Amanda: A Daughter of the Mennonites - Page 8/147

"Ach, Mom, you _are_ a good mom." Amanda leaned over the mother,

who was pinning the hem in the new dress, and pressed a kiss on the top

of the white-capped head. "When I grow up I want to be like you. And

when I'm big and you're old, won't you be the nicest granny!"

Aunt Rebecca suddenly looked sad and meek. Perhaps a partial

appreciation of what she missed by being childless came to her. What

thrills she might have known if happy children ran to her with shouts

of "Granny!" But she did not carry the thread of thought far enough to

analyze her own actions and discover that, though childless, she could

attract the love of other people's children if she chose. The tender

moment was fleet. She looked at Amanda and Philip and saw in them only

two children prone to evil, requiring stern disciplining.

"Now don't go far from the house," said Mrs. Reist later, "for your

other dress is soon ready to fit. As soon as Aunt Rebecca gets the

pleats basted in the skirt."

"I'll soon get them in. But it's foolishness to go to all that bother

when gathers would do just as good and go faster."
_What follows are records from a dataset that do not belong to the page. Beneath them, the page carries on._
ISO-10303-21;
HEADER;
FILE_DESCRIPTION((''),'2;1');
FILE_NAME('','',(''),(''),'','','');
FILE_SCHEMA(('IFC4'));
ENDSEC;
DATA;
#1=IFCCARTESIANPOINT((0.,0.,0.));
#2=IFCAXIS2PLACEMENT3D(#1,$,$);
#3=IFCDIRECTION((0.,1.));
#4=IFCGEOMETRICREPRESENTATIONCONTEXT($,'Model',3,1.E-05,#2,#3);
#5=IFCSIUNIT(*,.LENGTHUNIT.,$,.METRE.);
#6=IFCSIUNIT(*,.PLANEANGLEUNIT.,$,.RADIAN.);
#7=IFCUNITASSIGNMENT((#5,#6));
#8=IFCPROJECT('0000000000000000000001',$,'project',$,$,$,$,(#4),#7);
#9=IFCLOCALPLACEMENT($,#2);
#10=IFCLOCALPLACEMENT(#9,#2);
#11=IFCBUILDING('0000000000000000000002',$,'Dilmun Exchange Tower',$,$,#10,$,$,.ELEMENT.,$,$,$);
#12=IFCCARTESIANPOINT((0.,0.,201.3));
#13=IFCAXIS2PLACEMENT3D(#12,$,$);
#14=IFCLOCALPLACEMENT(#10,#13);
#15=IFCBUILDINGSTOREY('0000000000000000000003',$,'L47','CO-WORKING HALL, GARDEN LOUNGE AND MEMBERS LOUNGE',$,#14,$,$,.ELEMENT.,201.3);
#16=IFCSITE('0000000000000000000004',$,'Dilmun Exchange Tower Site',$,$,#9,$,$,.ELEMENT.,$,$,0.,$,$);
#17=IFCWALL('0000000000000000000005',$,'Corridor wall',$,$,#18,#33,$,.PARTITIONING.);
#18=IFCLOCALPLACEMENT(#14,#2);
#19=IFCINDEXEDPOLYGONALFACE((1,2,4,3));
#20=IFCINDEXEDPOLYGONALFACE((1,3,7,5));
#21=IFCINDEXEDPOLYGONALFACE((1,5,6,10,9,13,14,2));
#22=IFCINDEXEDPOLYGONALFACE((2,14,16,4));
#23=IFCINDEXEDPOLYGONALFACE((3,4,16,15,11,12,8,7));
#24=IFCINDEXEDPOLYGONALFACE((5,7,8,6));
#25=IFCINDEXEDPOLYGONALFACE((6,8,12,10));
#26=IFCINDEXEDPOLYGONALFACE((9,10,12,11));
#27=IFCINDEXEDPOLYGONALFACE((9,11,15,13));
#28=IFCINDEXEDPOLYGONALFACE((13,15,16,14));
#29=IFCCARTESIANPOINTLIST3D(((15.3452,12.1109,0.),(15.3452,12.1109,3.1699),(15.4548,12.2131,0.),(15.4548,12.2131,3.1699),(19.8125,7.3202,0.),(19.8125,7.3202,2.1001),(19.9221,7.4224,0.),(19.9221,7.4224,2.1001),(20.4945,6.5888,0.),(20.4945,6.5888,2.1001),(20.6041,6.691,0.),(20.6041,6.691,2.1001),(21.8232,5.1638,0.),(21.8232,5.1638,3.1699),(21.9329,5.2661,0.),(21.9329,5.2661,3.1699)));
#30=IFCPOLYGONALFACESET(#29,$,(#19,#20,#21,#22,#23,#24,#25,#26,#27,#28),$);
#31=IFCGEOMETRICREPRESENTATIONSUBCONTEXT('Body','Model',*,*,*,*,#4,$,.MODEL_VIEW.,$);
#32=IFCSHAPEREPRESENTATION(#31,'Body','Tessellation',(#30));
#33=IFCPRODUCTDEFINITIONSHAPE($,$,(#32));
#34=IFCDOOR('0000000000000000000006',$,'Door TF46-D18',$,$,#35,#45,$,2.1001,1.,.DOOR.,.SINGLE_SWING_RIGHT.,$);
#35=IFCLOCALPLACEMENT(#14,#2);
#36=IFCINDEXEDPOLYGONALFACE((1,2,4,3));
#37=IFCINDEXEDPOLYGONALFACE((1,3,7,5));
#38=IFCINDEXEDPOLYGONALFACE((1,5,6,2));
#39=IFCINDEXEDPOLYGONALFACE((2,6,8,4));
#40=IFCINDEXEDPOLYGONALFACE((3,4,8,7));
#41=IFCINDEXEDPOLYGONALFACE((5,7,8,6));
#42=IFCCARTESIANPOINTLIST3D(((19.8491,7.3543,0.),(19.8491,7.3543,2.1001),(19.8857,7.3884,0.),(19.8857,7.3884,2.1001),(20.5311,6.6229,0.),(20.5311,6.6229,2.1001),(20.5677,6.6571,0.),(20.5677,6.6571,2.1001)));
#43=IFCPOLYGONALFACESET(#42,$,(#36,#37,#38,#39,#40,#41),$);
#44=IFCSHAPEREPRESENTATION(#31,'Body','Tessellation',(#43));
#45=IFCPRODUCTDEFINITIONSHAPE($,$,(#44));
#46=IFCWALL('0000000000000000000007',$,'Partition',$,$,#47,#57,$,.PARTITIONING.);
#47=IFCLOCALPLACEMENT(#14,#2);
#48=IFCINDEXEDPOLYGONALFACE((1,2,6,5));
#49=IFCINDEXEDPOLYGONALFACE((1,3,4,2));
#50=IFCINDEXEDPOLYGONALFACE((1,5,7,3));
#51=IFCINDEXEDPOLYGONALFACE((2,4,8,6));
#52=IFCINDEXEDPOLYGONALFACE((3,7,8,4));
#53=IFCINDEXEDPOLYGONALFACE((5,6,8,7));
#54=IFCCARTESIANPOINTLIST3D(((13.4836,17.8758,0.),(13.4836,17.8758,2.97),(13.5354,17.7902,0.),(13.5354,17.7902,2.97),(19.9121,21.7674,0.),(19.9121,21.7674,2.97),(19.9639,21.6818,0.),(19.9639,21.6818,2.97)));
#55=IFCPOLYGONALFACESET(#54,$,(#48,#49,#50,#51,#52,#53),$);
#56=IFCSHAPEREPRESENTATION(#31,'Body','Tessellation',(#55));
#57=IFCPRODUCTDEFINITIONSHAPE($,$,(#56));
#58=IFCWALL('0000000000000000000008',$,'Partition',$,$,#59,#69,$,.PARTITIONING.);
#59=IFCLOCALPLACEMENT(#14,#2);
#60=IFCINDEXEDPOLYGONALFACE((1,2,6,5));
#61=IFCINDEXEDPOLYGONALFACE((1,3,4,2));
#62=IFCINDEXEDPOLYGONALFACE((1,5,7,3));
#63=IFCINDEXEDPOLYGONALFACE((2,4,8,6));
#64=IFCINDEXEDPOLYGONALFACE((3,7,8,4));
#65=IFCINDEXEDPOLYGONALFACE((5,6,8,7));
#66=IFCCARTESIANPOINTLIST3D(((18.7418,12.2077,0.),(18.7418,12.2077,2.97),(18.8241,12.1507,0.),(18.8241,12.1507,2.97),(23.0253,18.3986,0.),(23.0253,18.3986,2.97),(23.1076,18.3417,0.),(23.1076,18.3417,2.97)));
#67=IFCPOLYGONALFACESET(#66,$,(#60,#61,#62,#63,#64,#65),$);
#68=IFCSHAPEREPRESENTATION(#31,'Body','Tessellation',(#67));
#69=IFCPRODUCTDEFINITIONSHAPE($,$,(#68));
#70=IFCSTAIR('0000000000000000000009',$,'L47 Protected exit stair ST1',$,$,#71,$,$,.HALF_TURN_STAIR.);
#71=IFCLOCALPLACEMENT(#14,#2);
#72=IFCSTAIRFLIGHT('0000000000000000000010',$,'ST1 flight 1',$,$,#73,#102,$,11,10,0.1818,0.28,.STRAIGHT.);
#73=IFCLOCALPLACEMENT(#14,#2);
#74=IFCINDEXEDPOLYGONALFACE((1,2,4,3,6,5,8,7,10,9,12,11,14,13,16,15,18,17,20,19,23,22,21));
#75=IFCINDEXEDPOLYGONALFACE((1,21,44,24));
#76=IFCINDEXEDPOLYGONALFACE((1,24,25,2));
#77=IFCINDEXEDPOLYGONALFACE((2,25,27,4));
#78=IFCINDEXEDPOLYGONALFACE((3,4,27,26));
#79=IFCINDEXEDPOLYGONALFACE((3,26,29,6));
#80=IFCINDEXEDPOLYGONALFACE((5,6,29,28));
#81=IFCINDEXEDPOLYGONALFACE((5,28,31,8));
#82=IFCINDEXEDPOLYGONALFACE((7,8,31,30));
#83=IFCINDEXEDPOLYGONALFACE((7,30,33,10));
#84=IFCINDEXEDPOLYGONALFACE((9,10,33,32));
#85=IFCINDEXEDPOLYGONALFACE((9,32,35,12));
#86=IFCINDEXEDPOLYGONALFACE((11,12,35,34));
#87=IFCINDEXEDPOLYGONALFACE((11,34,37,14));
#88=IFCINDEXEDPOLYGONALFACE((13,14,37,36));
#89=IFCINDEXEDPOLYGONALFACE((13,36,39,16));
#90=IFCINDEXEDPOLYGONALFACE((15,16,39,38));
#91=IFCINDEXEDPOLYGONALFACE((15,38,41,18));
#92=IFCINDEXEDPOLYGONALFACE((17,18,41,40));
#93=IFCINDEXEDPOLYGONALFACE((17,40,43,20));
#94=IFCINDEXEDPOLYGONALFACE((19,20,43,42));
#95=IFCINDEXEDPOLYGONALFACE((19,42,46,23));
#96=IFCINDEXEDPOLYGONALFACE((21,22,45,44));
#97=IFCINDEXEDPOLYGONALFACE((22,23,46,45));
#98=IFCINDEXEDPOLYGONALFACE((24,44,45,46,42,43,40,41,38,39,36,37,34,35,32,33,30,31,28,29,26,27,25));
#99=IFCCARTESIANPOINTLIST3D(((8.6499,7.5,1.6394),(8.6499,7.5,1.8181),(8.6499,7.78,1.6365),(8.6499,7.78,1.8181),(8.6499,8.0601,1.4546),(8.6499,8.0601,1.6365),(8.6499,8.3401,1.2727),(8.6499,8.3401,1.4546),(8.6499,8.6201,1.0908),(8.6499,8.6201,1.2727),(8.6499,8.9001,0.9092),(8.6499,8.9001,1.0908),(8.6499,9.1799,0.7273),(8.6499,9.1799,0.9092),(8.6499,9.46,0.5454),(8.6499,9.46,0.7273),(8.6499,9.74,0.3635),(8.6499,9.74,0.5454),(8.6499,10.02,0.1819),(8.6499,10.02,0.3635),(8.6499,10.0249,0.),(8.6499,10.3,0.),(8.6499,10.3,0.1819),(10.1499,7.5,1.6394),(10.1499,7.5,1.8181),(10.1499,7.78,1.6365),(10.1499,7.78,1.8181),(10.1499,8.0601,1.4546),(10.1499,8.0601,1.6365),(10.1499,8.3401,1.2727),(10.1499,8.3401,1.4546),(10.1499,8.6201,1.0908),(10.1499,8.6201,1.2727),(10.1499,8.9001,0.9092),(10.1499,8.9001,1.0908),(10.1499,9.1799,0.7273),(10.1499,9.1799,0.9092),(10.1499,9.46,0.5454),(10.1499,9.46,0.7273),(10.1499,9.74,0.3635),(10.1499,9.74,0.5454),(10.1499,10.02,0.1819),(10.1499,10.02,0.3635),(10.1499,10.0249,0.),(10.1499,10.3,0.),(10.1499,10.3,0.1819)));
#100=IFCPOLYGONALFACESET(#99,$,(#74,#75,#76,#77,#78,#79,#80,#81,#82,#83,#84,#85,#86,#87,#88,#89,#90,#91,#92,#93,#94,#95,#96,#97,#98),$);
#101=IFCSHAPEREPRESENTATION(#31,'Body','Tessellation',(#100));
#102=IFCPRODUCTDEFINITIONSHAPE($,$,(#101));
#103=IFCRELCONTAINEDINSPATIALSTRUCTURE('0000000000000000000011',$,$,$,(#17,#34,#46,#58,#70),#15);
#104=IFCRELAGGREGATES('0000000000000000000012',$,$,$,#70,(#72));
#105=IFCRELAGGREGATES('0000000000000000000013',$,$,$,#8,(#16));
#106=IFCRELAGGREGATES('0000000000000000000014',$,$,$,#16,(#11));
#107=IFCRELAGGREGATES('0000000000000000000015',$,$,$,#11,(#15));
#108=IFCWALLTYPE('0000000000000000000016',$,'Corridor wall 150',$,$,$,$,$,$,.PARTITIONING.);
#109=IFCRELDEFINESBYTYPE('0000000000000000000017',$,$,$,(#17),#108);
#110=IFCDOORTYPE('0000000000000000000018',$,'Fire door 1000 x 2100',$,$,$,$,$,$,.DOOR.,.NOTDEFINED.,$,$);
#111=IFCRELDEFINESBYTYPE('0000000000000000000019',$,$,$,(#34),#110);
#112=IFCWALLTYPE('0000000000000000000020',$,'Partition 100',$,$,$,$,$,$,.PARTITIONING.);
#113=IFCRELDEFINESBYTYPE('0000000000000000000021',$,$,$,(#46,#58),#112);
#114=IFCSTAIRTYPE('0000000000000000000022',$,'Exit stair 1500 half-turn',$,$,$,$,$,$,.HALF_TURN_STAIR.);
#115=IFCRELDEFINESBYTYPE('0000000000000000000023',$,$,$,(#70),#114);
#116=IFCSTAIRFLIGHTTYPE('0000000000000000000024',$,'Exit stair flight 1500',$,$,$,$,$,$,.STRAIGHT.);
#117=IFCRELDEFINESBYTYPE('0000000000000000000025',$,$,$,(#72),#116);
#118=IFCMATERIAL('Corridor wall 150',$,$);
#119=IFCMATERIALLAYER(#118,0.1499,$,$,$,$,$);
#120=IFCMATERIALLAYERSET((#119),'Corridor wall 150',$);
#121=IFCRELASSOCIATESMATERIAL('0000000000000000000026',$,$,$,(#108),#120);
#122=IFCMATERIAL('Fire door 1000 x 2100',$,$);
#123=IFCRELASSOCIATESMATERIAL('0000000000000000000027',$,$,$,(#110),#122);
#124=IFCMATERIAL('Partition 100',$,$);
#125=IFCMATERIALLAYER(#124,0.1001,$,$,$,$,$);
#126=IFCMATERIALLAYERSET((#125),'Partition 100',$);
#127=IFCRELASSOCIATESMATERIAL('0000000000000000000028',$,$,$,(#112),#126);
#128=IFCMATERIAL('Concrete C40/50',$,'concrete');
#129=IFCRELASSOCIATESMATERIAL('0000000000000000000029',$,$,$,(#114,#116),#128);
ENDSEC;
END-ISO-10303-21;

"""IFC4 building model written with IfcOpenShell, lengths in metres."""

from ifc_helpers import new_model, si_unit, direction, frame, frame_2d, origin, place, context, subcontext, project, spatial, polyline, rectangle, outline, extrude, material, layer, layer_set, type_object, element, fill, aggregate, save


model = new_model("IFC4")

# Units and contexts
model_context = context("Model", 3, precision=1e-05, world=origin(), true_north=direction((0.0, 1.0)))
body_context = subcontext(model_context, "Body", "Model", "MODEL_VIEW")
ifc_project = project(units=[si_unit("LENGTHUNIT", "METRE"), si_unit("PLANEANGLEUNIT", "RADIAN")], contexts=[model_context])

# Site, building, storey
site_placement = place(None, origin())
site = spatial("IfcSite", under=ifc_project, at=site_placement, Name="Dilmun Exchange Tower Site", CompositionType="ELEMENT", RefElevation=0.0)
building_placement = place(site_placement, origin())
building = spatial("IfcBuilding", under=site, at=building_placement, Name="Dilmun Exchange Tower", CompositionType="ELEMENT")
storey_placement = place(building_placement, frame((0.0, 0.0, 201.3)))
storey = spatial("IfcBuildingStorey", under=building, at=storey_placement, Name="L47", Description="CO-WORKING HALL, GARDEN LOUNGE AND MEMBERS LOUNGE", CompositionType="ELEMENT", Elevation=201.3)

# Shared definitions
ifc_material_1 = material(Name="Concrete C40/50", Category="concrete")

# Shared definitions
ifc_material_2 = material(Name="Corridor wall 150")
ifc_layer_1 = layer(ifc_material_2, 0.1499)
ifc_layer_set_1 = layer_set([ifc_layer_1], Name="Corridor wall 150")
wall_type_1 = type_object("IfcWallType", Name="Corridor wall 150", PredefinedType="PARTITIONING", material=ifc_layer_set_1)
ifc_material_3 = material(Name="Fire door 1000 x 2100")
door_type = type_object("IfcDoorType", Name="Fire door 1000 x 2100", OperationType="NOTDEFINED", PredefinedType="DOOR", material=ifc_material_3)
Amanda turned away and a moment later she and Phil were seated on the

long wooden settee in the kitchen. The boy had silently agreed to a

temporary truce so that the game of counting might be played. He would

pay back his sister some other time. Gee, it was easy to get her goat--

just a little thing like a caterpillar dropped down her neck would make

her holler!

"Gee, Manda, I thought of a bully thing!" the boy whispered. "If that

old crosspatch Rebecca says 'My goodness' thirty times till four

o'clock I'll fetch a tobacco worm and put it in her bonnet. If she

don't say it that often you got to put one in. Huh? Manda, ain't that a

peachy game to play?"

"All right," agreed the girl. "I'll get paper and pencil to keep

count." She slipped into the other room and in a few minutes the two

settled themselves on the settee, their ears straining to hear every

word spoken by the women in the next room.

"My goodness, this thread breaks easy! They don't make nothin' no more

like they used to," came through the open door.

"That's one," said Phil; "make a stroke on the paper. Jiminy Christmas,

that's easy! Bet you we get that paper full of strokes!"